🤖 AI Summary
Existing LLM-based vulnerability repair methods suffer from two critical bottlenecks: *location blindness*—neglecting precise vulnerability localization—and *iterative失控*—lacking rigorous patch quality assessment. This paper proposes a location-aware and taint-coverage-guided iterative repair paradigm. First, it synergistically integrates static vulnerability localization with Proof-of-Vulnerability (PoV) execution trace guidance to tightly constrain the repair scope. Second, it introduces a dual-dimensional patch evaluation mechanism that concurrently detects newly introduced vulnerabilities and quantifies taint statement coverage, thereby enhancing candidate patch filtering. The framework unifies large language models, static program analysis, dynamic taint tracking, and test-driven feedback for optimization. Evaluated on the VulnLoc+ dataset, our approach generates 27 plausible patches—surpassing state-of-the-art methods by 8–22 patches—and successfully repairs 8–13 previously unseen real-world C/C++ vulnerabilities.
📝 Abstract
The advances of large language models (LLMs) have paved the way for automated software vulnerability repair approaches, which iteratively refine the patch until it becomes plausible. Nevertheless, existing LLM-based vulnerability repair approaches face notable limitations: 1) they ignore the concern of locations that need to be patched and focus solely on the repair content. 2) they lack quality assessment for generated candidate patches in the iterative process.

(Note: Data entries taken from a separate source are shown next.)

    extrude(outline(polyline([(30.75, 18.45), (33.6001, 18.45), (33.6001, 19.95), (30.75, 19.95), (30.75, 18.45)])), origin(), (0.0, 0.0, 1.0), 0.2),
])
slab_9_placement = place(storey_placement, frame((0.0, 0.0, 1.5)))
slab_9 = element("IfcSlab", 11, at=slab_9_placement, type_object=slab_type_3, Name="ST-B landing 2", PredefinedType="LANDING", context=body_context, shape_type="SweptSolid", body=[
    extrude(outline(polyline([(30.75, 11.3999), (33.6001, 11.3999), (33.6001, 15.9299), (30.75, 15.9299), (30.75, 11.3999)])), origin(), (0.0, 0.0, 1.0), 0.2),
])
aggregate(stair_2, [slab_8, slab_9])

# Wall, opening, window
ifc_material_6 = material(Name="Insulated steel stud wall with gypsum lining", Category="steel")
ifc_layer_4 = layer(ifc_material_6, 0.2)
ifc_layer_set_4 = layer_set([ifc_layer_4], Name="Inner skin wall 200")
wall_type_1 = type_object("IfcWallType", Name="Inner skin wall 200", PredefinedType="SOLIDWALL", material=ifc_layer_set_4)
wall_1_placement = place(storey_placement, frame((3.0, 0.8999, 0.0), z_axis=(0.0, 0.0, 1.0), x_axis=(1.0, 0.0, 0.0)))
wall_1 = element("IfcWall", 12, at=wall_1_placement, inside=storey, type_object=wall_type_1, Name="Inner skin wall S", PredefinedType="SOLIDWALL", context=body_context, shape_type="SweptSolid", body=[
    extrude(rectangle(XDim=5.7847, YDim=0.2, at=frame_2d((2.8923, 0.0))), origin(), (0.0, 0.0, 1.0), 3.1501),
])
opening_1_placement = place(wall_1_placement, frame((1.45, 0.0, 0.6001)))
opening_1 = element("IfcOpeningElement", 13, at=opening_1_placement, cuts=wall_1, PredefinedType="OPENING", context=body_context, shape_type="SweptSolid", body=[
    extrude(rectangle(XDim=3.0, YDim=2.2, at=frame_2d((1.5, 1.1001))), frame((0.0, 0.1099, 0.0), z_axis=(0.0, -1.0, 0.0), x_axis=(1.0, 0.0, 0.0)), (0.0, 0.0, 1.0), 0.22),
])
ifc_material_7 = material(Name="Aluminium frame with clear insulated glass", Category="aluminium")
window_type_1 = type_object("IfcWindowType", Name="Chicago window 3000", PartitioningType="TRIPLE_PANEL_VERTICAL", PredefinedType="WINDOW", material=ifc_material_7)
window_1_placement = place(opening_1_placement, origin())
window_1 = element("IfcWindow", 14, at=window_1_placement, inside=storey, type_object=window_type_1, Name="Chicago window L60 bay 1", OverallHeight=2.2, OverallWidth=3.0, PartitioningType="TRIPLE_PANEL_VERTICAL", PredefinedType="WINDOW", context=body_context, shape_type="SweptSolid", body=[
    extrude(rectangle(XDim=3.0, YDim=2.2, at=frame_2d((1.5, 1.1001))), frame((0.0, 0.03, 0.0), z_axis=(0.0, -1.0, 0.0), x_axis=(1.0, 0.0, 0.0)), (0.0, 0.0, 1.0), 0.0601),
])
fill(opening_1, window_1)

To tackle the two limitations, we propose sysname, an LLM-based approach that provides information about where should be patched first. Furthermore, sysname improves the iterative repair strategy by assessing the quality of test-failing patches and selecting the best patch for the next iteration. We introduce two dimensions to assess the quality of patches: whether they introduce new vulnerabilities and the taint statement coverage. We evaluated sysname on a real-world C/C++ vulnerability repair dataset VulnLoc+, which contains 40 vulnerabilities and their Proofs-of-Vulnerability. The experimental results demonstrate that sysname exhibits substantial improvements compared with the Neural Machine Translation-based, Program Analysis-based, and LLM-based state-of-the-art vulnerability repair approaches. Specifically, sysname is able to generate 27 plausible patches, which is comparable to or even 8 to 22 more plausible patches than the baselines. In terms of correct patch generation, sysname repairs 8 to 13 additional vulnerabilities compared with existing approaches.